天煞雄主第一章雙蓮之會
時間在一視同仁的向前行走,不因國域區分而有所不同,這是天煞千秋七年暮春,這也是無極聖德十六年的暮春。
這一年暮春,有人在天煞長瀚山脈中和諸般毒物粽子搏鬥,一次次死裡逃生;有人在微笑品茶,泛舟湖上,共佳人麗婢,賞湖光山色。
翠湖輕舟之上,重重絲幕中,眉目秀麗的嬌童秀女各執管竹絲絃怡然彈奏,悠悠清音,同白玉茶盞裡嫋嫋淡香、湖間氤氳的霧氣交融在一起。
水光粼粼,映得人眉目盪漾,一方淺紫鑲暗銀龍紋衣袖拂過花梨小几桌面,輕輕執了壺斟茶,執壺的手指纖長。
「這霜葉茶,是我無極霜山特產,茶樹生於峭壁之上,經霜猶綠,入水不沉,再以氓山玉湖之水三煎三沸,取其清、幽、醇、淨……公主請嘗。」
白玉茶盞碧水幽沉,映照出主人完美得無懈可擊的笑容,輕衣緩帶閒坐舟中的主人,輕輕將茶盞推過去,一邊等候的侍童跪接了,走下幾步,在座下主客半尺距離處恰到好處的停住,高舉過頭。
完全的尊崇備至,皇家禮儀。
左側客位,同樣保養精緻、纖長如玉的手指,拈起茶盞,以袖掩口淺淺一啜,隨即輕輕放下,笑道,「果然是好,輕浮美妙,餘韻不絕,深得茶家精髓,若非本宮是修行之人,只怕也要貪戀這般口舌之妙了。」
她撩起眼波,含笑一顧上座,眼底微微流露出一絲失望,只是那波光轉瞬即逝,快得像根本沒有出現過。
佛蓮公主,一朵蓮花般穩穩端坐,姿態嫻雅。
「公主遠道而來,一路可順當?」主人自然是長孫無極,正微笑相詢,神情殷殷,「本宮失禮,竟然未曾令禮部接得公主。」
「本宮遊走大陸參拜名山古剎,來無極不過是順路,」佛蓮微笑,「不敢勞動貴國有司,太子費心了。
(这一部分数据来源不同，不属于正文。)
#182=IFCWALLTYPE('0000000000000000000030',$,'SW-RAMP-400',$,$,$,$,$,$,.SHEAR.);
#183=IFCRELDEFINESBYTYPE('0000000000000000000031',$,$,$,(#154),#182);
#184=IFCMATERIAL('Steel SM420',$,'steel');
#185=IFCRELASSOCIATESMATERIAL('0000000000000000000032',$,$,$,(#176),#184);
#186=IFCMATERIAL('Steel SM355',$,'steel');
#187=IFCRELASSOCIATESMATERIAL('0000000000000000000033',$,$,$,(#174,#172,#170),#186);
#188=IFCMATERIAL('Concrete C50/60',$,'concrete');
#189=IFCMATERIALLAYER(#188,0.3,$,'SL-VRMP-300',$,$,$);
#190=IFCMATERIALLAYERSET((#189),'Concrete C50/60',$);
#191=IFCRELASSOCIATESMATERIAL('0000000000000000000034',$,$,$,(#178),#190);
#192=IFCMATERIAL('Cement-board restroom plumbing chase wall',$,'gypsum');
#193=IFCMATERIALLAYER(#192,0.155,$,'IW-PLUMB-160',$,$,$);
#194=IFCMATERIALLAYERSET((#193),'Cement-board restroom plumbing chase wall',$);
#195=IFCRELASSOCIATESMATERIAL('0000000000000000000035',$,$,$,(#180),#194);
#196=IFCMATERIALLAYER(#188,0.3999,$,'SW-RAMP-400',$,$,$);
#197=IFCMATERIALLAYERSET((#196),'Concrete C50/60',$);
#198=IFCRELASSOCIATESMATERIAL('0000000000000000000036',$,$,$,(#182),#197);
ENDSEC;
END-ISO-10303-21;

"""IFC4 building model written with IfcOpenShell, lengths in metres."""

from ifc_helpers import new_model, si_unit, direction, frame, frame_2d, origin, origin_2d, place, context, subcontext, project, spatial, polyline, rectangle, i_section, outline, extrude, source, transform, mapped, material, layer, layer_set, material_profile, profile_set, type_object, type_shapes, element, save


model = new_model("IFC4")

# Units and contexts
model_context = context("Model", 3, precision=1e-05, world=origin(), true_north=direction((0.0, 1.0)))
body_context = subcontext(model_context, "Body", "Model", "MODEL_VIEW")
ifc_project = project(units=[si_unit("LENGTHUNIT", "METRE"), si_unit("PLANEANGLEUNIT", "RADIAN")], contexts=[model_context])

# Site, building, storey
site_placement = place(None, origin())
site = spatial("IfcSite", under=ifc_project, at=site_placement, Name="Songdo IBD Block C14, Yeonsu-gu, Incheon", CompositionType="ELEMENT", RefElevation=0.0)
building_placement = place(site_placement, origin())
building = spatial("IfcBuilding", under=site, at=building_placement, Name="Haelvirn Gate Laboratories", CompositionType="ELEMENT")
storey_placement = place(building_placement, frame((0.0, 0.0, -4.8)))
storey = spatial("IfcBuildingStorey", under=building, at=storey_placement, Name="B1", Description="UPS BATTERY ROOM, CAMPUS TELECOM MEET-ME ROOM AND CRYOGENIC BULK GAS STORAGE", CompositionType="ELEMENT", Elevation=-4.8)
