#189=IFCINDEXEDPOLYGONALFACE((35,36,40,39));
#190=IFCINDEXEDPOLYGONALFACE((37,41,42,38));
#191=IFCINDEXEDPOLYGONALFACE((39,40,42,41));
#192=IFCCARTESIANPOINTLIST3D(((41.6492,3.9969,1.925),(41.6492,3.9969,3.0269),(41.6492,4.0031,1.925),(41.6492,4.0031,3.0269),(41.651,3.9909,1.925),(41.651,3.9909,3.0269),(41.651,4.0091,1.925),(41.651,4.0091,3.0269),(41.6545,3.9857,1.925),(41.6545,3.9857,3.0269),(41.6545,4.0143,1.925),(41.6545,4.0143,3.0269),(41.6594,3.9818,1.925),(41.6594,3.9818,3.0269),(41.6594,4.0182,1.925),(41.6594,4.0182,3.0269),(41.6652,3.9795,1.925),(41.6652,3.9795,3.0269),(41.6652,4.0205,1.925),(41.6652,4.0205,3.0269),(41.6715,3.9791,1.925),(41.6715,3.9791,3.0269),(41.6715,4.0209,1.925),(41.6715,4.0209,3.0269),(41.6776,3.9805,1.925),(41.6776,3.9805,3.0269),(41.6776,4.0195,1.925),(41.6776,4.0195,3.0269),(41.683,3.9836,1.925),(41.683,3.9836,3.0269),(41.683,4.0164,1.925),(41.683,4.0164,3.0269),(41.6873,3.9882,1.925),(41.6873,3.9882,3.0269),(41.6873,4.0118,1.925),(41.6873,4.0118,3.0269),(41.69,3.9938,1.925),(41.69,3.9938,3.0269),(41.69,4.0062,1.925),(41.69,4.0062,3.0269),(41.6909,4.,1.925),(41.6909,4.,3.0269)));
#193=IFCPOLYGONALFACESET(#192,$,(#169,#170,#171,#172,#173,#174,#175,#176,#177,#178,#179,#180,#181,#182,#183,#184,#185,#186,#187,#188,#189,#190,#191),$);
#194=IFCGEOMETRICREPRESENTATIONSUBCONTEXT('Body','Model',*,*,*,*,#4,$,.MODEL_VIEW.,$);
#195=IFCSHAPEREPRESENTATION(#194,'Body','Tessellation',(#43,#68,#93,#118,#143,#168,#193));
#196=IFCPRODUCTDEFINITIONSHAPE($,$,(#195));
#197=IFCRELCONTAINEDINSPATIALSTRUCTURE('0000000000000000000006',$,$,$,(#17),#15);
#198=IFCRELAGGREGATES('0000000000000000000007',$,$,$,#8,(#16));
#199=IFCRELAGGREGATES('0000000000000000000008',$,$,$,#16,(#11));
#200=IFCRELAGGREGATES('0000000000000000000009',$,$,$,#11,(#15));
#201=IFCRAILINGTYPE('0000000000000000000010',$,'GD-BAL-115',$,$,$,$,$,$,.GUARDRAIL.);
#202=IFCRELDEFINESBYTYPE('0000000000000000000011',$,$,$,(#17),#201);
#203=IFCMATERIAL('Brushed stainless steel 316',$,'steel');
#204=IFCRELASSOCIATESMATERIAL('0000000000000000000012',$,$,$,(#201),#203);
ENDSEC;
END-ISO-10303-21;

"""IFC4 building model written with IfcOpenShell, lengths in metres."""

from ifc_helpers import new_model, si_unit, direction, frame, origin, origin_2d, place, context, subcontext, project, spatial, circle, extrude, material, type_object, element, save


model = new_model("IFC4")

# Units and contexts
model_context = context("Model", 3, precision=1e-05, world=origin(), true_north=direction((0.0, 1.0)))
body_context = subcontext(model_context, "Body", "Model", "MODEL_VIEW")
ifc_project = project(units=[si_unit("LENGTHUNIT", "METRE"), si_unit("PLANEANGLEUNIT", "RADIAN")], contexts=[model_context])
」
「話雖如此,公主護衛不多,安全堪虞。」長孫無極低頭仔細的親自用沸水洗壺,手指在溫熱的杯身上輕柔的轉動,淡淡道,「我無極雖然治下民風尚可,但也難免有些強虜盜賊之輩出沒於道,難得公主只這幾位本國護衛,便能迢迢遠路安然行來,實在令人慶幸之餘,不免憂心。」
「信女子自有神靈護佑,百邪不侵。」佛蓮公主合十,輕宣佛號。
她身後,小侍女明若眨眨眼,眼底掠過一絲疑問之色,她有點不明白公主為什麼不提一路護送的鐵成,不明白公主為什麼不按承諾的那樣,為那個派出護衛送她的年輕人請功,不過她聰明的抿了抿唇不語,無論如何,公主總是對的。
長孫無極望著佛蓮公主,笑意不改,突然輕輕道,「公主此來,是來歸還璇璣圖的嗎?「
佛蓮公主身子顫了顫。
空氣突然靜默下來,笙簫聲雖然依舊繼續,聽在有心事的人心中,卻有些遙遠了。
「太子說笑了。」半晌佛蓮垂下眼睫,「璇璣圖怎會由本宮保管處置?您應該去問本宮父皇才是。」
長孫無極笑而不答,身子微微一仰,出神的看著水光瀲灩的湖水,手指輕輕叩在花梨桌面,聲響清脆,奪、奪、奪。
那聲音每次響起,佛蓮公主臉色便白了幾分,她輕輕咬唇,不無幽怨的看著長孫無極,長孫無極居然不避目光,抬起眼笑吟吟的看著她,直看到她再次垂下眼去。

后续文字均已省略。